Thursday’s editorial was on the continuing problem of repeat offenders buying used vehicles in this province, and then driving them without registration, insurance or even transferred ownership.
Those drivers run up huge fines they never intend to pay, and increase everyone else’s insurance costs.
We talked about ways to try and stop those drivers, right down to requiring someone selling a used car to keep the plates as part of the sale — so that anyone buying the car would have to register the sale.
The law says you have to have a licence plate openly visible, but if it’s stolen, well, that’s your problem. Meanwhile, someone else benefits from what you paid for.
But here’s a novel idea we didn’t consider: why have registration stickers on licence plates at all? You can understand that police want a unique identification number on a vehicle, so that they can identify vehicles quickly.
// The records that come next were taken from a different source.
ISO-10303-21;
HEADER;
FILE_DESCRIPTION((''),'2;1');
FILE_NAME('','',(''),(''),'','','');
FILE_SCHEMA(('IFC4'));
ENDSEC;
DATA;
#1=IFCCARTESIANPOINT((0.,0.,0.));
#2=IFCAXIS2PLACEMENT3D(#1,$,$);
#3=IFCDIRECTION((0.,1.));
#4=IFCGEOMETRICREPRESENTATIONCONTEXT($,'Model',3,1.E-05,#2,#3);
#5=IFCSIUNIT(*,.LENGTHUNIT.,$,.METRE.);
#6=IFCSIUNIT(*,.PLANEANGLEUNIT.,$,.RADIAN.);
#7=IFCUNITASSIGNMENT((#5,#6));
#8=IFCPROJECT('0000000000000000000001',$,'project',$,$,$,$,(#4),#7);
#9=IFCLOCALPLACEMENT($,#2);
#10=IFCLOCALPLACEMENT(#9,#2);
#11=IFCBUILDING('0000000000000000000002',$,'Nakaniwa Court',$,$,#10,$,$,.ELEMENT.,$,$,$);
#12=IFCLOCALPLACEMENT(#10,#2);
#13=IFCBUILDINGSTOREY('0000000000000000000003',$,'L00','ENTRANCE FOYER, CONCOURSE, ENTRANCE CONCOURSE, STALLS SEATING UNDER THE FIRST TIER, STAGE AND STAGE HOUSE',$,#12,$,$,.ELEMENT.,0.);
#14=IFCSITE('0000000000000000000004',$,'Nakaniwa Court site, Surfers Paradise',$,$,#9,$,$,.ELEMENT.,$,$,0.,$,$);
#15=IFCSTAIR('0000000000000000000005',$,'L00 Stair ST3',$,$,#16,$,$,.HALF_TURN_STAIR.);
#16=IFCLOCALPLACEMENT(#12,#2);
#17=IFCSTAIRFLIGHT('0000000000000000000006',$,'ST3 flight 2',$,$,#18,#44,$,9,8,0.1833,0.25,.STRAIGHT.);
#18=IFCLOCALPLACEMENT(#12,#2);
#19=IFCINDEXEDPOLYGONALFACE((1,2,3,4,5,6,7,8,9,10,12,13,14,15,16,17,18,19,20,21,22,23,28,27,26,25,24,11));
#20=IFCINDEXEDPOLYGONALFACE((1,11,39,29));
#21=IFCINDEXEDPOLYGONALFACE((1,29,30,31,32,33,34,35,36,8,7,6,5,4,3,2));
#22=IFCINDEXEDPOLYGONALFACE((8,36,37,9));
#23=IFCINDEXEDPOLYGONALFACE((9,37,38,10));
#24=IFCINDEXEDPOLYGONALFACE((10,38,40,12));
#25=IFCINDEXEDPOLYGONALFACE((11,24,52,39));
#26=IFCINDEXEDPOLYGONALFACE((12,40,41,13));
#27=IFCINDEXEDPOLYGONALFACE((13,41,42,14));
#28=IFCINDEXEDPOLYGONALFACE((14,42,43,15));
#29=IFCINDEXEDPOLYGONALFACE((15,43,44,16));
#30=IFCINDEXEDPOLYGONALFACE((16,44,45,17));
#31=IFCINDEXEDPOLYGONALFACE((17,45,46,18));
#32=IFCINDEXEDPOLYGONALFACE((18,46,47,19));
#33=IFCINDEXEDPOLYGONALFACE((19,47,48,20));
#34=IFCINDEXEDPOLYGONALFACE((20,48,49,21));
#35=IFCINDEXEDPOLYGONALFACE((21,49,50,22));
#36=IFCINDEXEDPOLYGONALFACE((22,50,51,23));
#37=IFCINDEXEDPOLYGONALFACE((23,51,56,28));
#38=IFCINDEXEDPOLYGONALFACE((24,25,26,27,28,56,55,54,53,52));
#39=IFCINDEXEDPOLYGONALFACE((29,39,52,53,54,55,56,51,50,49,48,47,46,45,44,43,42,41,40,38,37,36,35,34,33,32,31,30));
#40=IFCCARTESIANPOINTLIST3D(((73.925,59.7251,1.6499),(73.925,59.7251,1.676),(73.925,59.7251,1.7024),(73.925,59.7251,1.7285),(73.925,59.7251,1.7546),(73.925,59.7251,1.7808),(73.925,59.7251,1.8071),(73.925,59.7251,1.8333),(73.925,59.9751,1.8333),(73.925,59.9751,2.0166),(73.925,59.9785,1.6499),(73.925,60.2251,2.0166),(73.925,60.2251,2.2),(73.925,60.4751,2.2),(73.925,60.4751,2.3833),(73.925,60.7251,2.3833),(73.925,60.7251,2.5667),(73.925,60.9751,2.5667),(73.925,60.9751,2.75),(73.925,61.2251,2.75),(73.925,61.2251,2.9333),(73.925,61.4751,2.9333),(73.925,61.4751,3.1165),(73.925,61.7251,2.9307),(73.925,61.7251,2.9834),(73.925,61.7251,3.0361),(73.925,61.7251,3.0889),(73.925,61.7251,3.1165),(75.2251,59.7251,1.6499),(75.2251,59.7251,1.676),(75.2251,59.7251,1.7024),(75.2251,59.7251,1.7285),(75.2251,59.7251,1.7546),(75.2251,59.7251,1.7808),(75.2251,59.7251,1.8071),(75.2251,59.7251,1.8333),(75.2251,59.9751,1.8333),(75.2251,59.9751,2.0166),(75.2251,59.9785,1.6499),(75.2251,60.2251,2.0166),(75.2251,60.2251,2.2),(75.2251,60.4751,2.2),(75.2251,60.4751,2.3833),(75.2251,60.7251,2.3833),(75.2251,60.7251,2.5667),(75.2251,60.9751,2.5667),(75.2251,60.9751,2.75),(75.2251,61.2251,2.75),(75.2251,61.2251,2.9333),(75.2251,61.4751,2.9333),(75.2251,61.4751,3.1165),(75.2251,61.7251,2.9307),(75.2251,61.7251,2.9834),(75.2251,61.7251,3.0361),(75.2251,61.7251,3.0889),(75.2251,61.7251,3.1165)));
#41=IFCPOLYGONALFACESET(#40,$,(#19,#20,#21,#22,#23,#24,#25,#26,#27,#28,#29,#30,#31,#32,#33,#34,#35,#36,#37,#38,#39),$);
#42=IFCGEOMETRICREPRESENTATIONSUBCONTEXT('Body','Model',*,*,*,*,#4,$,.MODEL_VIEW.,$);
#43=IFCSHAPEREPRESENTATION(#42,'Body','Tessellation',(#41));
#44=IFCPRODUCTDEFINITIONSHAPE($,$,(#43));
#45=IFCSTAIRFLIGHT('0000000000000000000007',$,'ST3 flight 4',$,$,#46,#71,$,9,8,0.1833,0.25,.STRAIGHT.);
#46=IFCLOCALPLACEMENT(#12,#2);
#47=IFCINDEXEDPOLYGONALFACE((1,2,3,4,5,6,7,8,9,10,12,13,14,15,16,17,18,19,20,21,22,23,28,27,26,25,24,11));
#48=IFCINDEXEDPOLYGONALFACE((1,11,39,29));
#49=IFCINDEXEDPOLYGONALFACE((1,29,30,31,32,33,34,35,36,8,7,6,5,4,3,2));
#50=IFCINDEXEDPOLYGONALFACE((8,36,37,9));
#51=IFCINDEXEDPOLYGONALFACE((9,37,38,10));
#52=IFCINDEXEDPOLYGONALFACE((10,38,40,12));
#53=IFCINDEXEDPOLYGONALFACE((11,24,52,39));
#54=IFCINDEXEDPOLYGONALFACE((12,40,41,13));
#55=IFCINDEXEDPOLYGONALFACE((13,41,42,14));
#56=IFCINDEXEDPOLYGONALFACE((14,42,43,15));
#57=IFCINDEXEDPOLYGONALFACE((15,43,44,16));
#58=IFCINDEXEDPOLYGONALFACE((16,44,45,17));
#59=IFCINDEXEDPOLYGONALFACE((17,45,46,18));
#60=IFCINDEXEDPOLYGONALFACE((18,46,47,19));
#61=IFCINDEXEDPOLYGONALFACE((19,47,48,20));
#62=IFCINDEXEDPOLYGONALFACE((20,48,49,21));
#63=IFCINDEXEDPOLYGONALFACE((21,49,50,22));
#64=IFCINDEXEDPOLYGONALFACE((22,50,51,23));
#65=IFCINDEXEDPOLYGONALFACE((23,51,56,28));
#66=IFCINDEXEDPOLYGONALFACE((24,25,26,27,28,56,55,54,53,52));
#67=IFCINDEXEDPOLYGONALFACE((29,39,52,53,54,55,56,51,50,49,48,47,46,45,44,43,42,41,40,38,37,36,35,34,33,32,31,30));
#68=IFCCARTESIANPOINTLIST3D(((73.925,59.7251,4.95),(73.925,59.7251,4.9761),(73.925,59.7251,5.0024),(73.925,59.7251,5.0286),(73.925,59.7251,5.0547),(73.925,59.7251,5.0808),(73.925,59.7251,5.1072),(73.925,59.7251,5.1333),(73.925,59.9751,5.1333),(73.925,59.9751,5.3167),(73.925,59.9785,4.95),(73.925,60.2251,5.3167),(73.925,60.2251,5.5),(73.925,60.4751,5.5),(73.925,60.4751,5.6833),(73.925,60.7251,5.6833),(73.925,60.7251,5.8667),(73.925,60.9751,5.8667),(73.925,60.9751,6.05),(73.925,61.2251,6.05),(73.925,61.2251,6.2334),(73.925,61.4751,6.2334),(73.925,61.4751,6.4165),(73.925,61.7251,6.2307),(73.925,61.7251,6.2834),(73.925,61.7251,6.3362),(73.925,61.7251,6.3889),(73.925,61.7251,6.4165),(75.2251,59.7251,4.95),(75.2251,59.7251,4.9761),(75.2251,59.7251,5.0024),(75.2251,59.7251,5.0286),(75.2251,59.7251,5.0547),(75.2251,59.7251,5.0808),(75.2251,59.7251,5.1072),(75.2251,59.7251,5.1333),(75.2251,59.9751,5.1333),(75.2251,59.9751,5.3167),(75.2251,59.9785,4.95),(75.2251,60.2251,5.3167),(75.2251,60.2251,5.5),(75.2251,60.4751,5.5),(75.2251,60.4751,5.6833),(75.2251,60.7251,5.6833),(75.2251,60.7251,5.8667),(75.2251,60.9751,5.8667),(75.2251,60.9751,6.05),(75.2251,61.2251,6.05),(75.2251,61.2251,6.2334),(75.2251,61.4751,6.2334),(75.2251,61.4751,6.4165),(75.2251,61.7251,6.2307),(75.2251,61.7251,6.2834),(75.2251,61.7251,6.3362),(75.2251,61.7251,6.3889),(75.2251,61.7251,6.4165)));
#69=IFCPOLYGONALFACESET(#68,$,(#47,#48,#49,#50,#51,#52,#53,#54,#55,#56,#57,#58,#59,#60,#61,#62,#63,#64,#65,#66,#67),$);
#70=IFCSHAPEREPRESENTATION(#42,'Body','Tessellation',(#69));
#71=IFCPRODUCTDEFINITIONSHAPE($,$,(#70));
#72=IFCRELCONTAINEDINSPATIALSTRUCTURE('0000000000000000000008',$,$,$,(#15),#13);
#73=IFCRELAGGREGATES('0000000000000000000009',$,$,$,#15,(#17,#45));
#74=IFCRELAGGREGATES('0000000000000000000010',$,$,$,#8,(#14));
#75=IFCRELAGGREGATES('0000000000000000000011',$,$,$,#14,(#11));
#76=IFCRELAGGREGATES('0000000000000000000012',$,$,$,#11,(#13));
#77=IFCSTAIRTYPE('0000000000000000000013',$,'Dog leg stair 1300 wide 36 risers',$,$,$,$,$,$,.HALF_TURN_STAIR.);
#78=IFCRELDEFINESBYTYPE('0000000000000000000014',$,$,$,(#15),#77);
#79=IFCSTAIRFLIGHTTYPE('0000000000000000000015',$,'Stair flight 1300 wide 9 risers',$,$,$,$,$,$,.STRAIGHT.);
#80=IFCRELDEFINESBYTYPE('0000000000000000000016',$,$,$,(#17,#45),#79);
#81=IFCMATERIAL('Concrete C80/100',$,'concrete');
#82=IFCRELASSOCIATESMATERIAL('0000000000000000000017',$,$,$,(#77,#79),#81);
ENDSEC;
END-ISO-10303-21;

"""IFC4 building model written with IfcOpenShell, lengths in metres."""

from ifc_helpers import new_model, si_unit, direction, frame, origin, place, context, subcontext, project, spatial, polyline, outline, extrude, material, type_object, element, aggregate, save


model = new_model("IFC4")

# Units and contexts
model_context = context("Model", 3, precision=1e-05, world=origin(), true_north=direction((0.0, 1.0)))
body_context = subcontext(model_context, "Body", "Model", "MODEL_VIEW")
ifc_project = project(units=[si_unit("LENGTHUNIT", "METRE"), si_unit("PLANEANGLEUNIT", "RADIAN")], contexts=[model_context])

# Site, building, storey
site_placement = place(None, origin())
site = spatial("IfcSite", under=ifc_project, at=site_placement, Name="Nakaniwa Court site, Surfers Paradise", CompositionType="ELEMENT", RefElevation=0.0)
building_placement = place(site_placement, origin())
building = spatial("IfcBuilding", under=site, at=building_placement, Name="Nakaniwa Court", CompositionType="ELEMENT")
storey_placement = place(building_placement, origin())
storey = spatial("IfcBuildingStorey", under=building, at=storey_placement, Name="L00", Description="ENTRANCE FOYER, CONCOURSE, ENTRANCE CONCOURSE, STALLS SEATING UNDER THE FIRST TIER, STAGE AND STAGE HOUSE", CompositionType="ELEMENT", Elevation=0.0)

# Stair, stair flights
ifc_material_1 = material(Name="Concrete C80/100", Category="concrete")
stair_type = type_object("IfcStairType", Name="Dog leg stair 1300 wide 36 risers", PredefinedType="HALF_TURN_STAIR", material=ifc_material_1)
stair_placement = place(storey_placement, origin())
stair = element("IfcStair", 1, at=stair_placement, inside=storey, type_object=stair_type, Name="L00 Stair ST3", PredefinedType="HALF_TURN_STAIR")
stair_flight_type = type_object("IfcStairFlightType", Name="Stair flight 1300 wide 9 risers", PredefinedType="STRAIGHT", material=ifc_material_1)
stair_flight_1_placement = place(storey_placement, frame((74.575, 59.7251, 1.6499), z_axis=(0.0, 0.0, 1.0), x_axis=(0.0, 1.0, 0.0)))
stair_flight_1 = element("IfcStairFlight", 2, at=stair_flight_1_placement, type_object=stair_flight_type, Name="ST3 flight 2", NumberOfRisers=9, NumberOfTreads=8, PredefinedType="STRAIGHT", RiserHeight=0.1833, TreadLength=0.25, context=body_context, shape_type="SweptSolid", body=[
    extrude(outline(polyline([(0.0, 0.0), (0.0, 0.0261), (0.0, 0.0525), (0.0, 0.0786), (0.0, 0.1047), (0.0, 0.1309), (0.0, 0.1572), (0.0, 0.1833), (0.25, 0.1833), (0.25, 0.3667), (0.5, 0.3667), (0.5, 0.55), (0.75, 0.55), (0.75, 0.7334), (1.0, 0.7334), (1.0, 0.9167), (1.25, 0.9167), (1.25, 1.1001), (1.5, 1.1001), (1.5, 1.2834), (1.75, 1.2834), (1.75, 1.4666), (2.0, 1.4666), (2.0, 1.6499), (2.0, 1.5972), (2.0, 1.5444), (2.0, 1.4917), (2.0, 1.439), (2.0, 1.3862), (2.0, 1.3335), (2.0, 1.2808), (0.2534, 0.0), (0.0, 0.0)])), frame((0.0, 0.6499, 0.0), z_axis=(0.0, -1.0, 0.0), x_axis=(1.0, 0.0, 0.0)), (0.0, 0.0, 1.0), 1.3),
])
stair_flight_2_placement = place(storey_placement, frame((74.575, 59.7251, 4.95), z_axis=(0.0, 0.0, 1.0), x_axis=(0.0, 1.0, 0.0)))
stair_flight_2 = element("IfcStairFlight", 3, at=stair_flight_2_placement, type_object=stair_flight_type, Name="ST3 flight 4", NumberOfRisers=9, NumberOfTreads=8, PredefinedType="STRAIGHT", RiserHeight=0.1833, TreadLength=0.25, context=body_context, shape_type="SweptSolid", body=[
    extrude(outline(polyline([(0.0, 0.0), (0.0, 0.0261), (0.0, 0.0525), (0.0, 0.0786), (0.0, 0.1047), (0.0, 0.1309), (0.0, 0.1572), (0.0, 0.1833), (0.25, 0.1833), (0.25, 0.3667), (0.5, 0.3667), (0.5, 0.55), (0.75, 0.55), (0.75, 0.7334), (1.0, 0.7334), (1.0, 0.9167), (1.25, 0.9167), (1.25, 1.1001), (1.5, 1.1001), (1.5, 1.2834), (1.75, 1.2834), (1.75, 1.4666), (2.0, 1.4666), (2.0, 1.6499), (2.0, 1.5972), (2.0, 1.5444), (2.0, 1.4917), (2.0, 1.439), (2.0, 1.3862), (2.0, 1.3335), (2.0, 1.2808), (0.2534, 0.0), (0.0, 0.0)])), frame((0.0, 0.6499, 0.0), z_axis=(0.0, -1.0, 0.0), x_axis=(1.0, 0.0, 0.0)), (0.0, 0.0, 1.0), 1.3),
])
aggregate(stair, [stair_flight_1, stair_flight_2])

save(model, "model.ifc")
The problem is that plenty of people want to avoid the problem of actually paying to register and insure a vehicle, so instead of doing that, they steal plate stickers, abscond with entire plates, or sometimes use tin snips to cut the corners off other people’s licence plates so they can get away with the stickers quickly.
Such thefts don’t stand up to close scrutiny; as soon as a police officer gets close enough to ask for a vehicle’s registration, the charade is over.
But the person who has lost a sticker or a plate to thieves can be in the unfortunate situation of not being able to drive their vehicle until they’ve gone to Motor Vehicle Registration and gotten a new plate or sticker, and paid $30 to do it.
The law says you have to have a licence plate openly visible, but if it’s stolen, well, that’s your problem. Meanwhile, someone else benefits from what you paid for.
Why is it like that? This is, after all, 2018.
Instead of a validation sticker on your licence plate, wouldn’t it be simpler to have a passive radio-frequency identification (RFID) sticker that you could put on the inside of your back window?
Police could use a tag reader from the comfort of their front seat to see if your vehicle’s registration was expired, or if it actually belonged to a different vehicle. New RFID tags can cost as little as 12 cents apiece, and if the government actually used its own vehicle management system, they wouldn’t have to be reissued every year — saving mailing costs as well.
The tag could be configured to store only the needed information; the date the registration is set to expire, the registered owner’s address, the type, make and colour of the vehicle — in other words, just the information that your registration documents already carry, and that police officers can already call up by running your plates.
And it would be inside your car.
That might not be the whole solution to the problem. But it is 2018, and we’re still bolting a piece of embossed metal onto our cars. Just like in the 1900s.